Renfred Dazel
- Full name: Renfred Leroy Dazel
- Born: 4 May 1981 (age 44)
- School: Paulus Joubert Secondary

Rugby union career

Provincial / State sides
- Years: Team / Apps / (Points)
- 2003–09: Boland Cavaliers

National sevens team
- Years: Team /  / Comps
- 2005–12: South Africa
- Medal record
Men's rugby sevens
Representing South Africa
World Games
| Silver medal – second place | 2005 Duisburg | Team competition |
| Bronze medal – third place | 2009 Kaohsiung | Team competition |
Commonwealth Games
| Bronze medal – third place | 2010 Delhi | Team competition |

= Renfred Dazel =

South African rugby union player

Renfred Leroy Dazel (born 4 May 1981) is a South African rugby union coach and former player.

==Biography==
Raised in Paarl, Dazel was educated at Paulus Joubert Secondary School.

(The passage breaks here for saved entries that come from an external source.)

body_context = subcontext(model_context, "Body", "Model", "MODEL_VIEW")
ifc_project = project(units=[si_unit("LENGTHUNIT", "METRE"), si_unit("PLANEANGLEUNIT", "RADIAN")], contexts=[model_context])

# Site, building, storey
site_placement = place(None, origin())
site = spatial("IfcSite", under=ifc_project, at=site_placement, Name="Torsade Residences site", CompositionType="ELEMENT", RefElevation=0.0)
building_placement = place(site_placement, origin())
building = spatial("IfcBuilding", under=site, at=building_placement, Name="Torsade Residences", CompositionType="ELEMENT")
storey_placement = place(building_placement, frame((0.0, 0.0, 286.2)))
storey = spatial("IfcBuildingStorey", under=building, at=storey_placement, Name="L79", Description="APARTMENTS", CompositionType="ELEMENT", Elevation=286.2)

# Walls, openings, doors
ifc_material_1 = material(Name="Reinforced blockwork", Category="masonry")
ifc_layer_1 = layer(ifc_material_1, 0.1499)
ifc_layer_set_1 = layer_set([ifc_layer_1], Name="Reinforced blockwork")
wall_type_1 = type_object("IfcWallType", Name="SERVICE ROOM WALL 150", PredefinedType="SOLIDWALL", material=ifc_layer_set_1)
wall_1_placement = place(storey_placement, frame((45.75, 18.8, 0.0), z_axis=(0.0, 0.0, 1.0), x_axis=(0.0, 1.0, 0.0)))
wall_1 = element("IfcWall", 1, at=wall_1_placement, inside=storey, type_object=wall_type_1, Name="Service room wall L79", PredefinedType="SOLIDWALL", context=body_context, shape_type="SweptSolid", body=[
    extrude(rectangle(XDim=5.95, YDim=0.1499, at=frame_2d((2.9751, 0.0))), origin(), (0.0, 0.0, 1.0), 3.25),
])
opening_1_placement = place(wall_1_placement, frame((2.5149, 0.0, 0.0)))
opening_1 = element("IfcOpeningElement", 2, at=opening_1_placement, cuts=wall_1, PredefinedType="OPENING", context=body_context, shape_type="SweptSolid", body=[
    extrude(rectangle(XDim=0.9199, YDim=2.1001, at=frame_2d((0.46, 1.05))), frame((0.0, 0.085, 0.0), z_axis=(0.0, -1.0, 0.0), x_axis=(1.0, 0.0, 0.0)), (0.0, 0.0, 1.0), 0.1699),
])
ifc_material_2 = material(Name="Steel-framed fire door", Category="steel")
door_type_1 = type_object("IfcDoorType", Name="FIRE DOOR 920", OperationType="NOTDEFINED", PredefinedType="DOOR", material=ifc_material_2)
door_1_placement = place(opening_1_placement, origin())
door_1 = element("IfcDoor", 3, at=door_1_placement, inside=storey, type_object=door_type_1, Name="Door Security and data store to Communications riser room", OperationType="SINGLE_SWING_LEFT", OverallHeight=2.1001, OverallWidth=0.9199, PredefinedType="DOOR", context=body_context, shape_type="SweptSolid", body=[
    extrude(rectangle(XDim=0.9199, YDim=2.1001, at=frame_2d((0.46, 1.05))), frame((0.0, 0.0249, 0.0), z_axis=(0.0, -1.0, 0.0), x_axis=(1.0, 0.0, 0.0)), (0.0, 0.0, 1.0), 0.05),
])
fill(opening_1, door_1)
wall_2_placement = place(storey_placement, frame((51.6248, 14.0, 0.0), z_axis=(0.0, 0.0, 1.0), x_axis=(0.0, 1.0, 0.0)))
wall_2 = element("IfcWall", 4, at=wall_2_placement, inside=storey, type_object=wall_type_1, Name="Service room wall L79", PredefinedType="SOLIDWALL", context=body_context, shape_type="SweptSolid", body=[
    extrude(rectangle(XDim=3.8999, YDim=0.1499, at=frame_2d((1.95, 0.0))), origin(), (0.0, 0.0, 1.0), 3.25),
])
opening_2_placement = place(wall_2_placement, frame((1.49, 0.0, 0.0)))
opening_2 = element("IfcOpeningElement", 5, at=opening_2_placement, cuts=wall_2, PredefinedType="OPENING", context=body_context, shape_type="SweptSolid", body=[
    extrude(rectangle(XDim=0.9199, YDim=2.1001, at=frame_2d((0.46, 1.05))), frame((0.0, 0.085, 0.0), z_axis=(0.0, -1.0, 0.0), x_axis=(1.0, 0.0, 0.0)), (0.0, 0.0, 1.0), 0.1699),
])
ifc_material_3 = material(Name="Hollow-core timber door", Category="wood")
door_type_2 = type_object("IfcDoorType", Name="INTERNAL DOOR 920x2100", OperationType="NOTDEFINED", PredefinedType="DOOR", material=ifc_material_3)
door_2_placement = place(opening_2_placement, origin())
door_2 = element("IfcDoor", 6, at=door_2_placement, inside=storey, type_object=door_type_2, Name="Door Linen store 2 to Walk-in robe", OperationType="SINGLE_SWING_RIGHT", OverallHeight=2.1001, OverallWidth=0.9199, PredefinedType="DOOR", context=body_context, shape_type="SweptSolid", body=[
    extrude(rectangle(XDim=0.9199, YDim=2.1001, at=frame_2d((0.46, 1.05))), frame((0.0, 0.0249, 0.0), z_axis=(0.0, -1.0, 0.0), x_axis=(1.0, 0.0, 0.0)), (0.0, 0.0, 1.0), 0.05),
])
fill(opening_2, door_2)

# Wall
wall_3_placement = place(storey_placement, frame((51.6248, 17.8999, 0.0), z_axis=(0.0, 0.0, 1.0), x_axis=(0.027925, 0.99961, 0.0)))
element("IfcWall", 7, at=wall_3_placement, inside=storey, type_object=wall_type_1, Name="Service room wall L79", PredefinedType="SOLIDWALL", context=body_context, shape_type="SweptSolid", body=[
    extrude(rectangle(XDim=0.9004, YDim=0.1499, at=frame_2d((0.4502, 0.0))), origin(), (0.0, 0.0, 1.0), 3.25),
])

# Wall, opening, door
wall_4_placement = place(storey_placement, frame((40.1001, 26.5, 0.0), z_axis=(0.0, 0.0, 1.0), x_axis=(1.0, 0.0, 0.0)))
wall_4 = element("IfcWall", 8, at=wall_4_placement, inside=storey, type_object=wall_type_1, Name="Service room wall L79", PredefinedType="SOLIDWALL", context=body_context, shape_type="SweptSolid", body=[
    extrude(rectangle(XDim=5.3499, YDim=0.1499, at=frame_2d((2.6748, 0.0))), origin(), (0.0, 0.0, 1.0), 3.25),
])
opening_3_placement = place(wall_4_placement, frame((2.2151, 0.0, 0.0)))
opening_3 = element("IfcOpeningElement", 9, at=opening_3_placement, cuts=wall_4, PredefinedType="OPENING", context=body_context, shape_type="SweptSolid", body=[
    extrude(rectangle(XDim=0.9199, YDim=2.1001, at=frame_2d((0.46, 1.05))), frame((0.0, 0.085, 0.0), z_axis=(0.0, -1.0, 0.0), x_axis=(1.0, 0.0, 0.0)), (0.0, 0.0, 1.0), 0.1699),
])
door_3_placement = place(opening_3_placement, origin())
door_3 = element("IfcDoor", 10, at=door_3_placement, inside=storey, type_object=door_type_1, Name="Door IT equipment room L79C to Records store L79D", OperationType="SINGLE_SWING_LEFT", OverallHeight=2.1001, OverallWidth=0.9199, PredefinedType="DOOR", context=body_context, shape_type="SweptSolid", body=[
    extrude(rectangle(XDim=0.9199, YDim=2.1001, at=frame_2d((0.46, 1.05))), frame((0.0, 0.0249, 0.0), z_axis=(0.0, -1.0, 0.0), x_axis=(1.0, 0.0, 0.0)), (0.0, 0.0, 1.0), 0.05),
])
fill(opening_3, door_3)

Dazel competed in the Currie Cup for the Boland Cavaliers and played on the South Africa national rugby sevens team from 2005 to 2012. He represented South Africa at two Commonwealth Games, won a IRB Sevens World Series title in 2008–09 and was one of the nominees for the 2009 IRB Men's Sevens Player of the Year.

After retiring as a player, Dazel made the transition into coaching. He was appointed full-time coach of the South Africa women's national rugby sevens team in 2023, having previously held the role from 2013 to 2017.